- Genre: Travel
- Created by: Mike and Mal Leyland
- Directed by: Mike and Mal Leyland
- Starring: Mike Leyland Mal Leyland Pat Leyland Laraine Leyland
- Theme music composer: The Provost Brothers
- Opening theme: "Ask the Leyland Brothers"
- Country of origin: Australia
- Original language: English
- No. of series: 5
- No. of episodes: 153

Production
- Editor: Mike Newling

Original release
- Network: Nine Network
- Release: 1976 – 1984

= Ask the Leyland Brothers =

Ask the Leyland Brothers is an Australian television show that screened on the Nine Network for 153 episodes between 1976 and 1980, and later between 1983 and 1984. The series followed documentary filmmakers Mike and Mal Leyland, as well as their wives and children, who travelled across Australia and New Zealand in response to questions and requests posed by viewers.

==Development==
Prior to embarking on Ask the Leyland Brothers, the Leylands had made four feature films and two previous television series. The films Down the Darling, Wheels Across a Wilderness, Open Boat to Adventure and The Wet were produced between 1963 and 1972, and followed the brothers on four journeys across different parts of Australia. The television series, Off the Beaten Track and Trekabout, were produced during the early to mid-1970s.
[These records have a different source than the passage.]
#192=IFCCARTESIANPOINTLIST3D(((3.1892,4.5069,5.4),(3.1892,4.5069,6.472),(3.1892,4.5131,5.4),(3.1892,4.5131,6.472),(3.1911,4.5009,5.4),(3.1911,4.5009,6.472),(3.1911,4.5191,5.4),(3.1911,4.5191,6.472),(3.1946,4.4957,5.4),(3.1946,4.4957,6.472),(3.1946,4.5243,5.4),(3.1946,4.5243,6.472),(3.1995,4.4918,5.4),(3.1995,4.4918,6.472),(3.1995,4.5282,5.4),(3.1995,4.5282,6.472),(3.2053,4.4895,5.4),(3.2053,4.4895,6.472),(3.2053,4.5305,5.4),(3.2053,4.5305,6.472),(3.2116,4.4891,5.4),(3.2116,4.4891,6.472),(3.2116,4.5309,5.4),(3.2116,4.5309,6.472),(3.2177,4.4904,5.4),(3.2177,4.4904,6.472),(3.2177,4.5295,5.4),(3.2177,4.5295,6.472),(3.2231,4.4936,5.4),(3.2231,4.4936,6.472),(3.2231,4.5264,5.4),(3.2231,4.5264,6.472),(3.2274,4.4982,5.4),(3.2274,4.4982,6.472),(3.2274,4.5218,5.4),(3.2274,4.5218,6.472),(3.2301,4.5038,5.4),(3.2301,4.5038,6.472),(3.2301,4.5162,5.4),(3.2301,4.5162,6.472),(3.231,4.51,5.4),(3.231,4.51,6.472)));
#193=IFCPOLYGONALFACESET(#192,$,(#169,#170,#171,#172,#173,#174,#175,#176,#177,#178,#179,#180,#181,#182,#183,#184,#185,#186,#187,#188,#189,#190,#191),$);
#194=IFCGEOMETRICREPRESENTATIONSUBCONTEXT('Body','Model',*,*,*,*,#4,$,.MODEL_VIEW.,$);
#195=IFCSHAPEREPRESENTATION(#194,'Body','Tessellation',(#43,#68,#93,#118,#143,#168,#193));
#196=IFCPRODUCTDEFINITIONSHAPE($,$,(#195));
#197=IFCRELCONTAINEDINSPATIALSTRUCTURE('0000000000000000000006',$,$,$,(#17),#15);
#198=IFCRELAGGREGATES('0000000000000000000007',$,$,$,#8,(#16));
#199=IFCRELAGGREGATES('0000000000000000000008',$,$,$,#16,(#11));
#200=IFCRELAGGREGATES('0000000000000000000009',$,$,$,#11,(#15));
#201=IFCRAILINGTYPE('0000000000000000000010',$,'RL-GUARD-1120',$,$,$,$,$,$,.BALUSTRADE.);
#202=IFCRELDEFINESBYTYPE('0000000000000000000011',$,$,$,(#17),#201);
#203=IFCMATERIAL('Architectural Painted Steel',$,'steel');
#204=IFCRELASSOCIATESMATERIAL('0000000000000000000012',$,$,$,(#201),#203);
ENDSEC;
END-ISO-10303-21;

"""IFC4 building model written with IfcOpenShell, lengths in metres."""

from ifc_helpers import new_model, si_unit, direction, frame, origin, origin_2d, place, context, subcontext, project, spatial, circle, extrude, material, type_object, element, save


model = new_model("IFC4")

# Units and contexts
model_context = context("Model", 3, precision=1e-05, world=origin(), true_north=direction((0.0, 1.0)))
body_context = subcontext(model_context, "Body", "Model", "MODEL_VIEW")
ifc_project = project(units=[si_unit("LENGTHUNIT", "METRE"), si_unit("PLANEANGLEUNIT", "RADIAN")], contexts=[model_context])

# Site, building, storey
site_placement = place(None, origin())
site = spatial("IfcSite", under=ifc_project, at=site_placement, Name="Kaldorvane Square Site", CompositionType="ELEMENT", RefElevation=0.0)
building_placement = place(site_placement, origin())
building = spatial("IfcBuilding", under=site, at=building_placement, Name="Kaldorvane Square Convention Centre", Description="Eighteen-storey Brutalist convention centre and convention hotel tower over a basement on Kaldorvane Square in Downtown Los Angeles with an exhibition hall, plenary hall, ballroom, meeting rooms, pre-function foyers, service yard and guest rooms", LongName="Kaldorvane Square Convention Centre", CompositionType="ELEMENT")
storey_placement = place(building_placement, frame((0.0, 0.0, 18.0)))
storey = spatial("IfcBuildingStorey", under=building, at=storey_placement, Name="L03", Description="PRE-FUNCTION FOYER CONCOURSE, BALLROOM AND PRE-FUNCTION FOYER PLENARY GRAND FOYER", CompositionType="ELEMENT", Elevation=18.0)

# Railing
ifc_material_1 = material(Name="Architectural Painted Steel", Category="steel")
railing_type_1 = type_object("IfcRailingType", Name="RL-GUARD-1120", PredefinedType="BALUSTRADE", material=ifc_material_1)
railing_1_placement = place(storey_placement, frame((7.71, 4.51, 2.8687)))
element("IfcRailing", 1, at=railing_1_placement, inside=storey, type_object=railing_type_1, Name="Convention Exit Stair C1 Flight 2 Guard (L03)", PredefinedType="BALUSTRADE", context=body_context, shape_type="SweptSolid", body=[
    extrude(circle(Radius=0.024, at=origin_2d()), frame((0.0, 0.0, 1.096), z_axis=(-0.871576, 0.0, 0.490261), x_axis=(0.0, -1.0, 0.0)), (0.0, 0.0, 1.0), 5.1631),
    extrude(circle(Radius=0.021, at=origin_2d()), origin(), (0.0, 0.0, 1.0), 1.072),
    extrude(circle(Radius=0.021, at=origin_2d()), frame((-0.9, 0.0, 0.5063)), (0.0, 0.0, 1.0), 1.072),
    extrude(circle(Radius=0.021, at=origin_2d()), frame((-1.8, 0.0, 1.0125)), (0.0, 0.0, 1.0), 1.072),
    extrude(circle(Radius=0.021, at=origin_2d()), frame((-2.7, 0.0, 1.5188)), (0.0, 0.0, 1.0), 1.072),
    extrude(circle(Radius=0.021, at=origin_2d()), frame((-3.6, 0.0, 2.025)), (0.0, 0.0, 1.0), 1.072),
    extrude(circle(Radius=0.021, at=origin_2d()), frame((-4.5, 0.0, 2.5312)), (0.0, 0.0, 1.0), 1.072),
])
Inspiration for the new series came from You Asked for It, an American series in which Art Baker would fulfil requests from viewers that were sent in via postcards; the series was broadcast in Australia during the 1970s. Ask the Leyland Brothers was intended to follow a similar format, with viewers nominating places which the Leyland brothers would visit and cover in each episode. According to Mike Leyland, the plan was for readers to feel involved when their names were read out, thus causing them to encourage their "mates" to watch the show as well.

==Production==
In order to get things started, in 1976 the brothers filmed an initial pilot episode which mapped out the format, and placed a full-page advertisement in the popular TV Week magazine to garner questions and requests. The format proved to be successful, and at one stage the show had 2.5 million viewers an episode, which was about 40% of the audience at the time. The popularity of the show led to viewers recognising the brothers and their wives while they were scouting for locations, sometimes forcing them to go incognito.

Initially the brothers travelled in an orange Volkswagen Kombi (later upgraded to a pair of 4WD vehicles), and the show was filmed in Super 8 and edited in the style of a home movie. The format, combined with the Leyland's onscreen manner and the presence of their families gave the show a "home-spun" feel.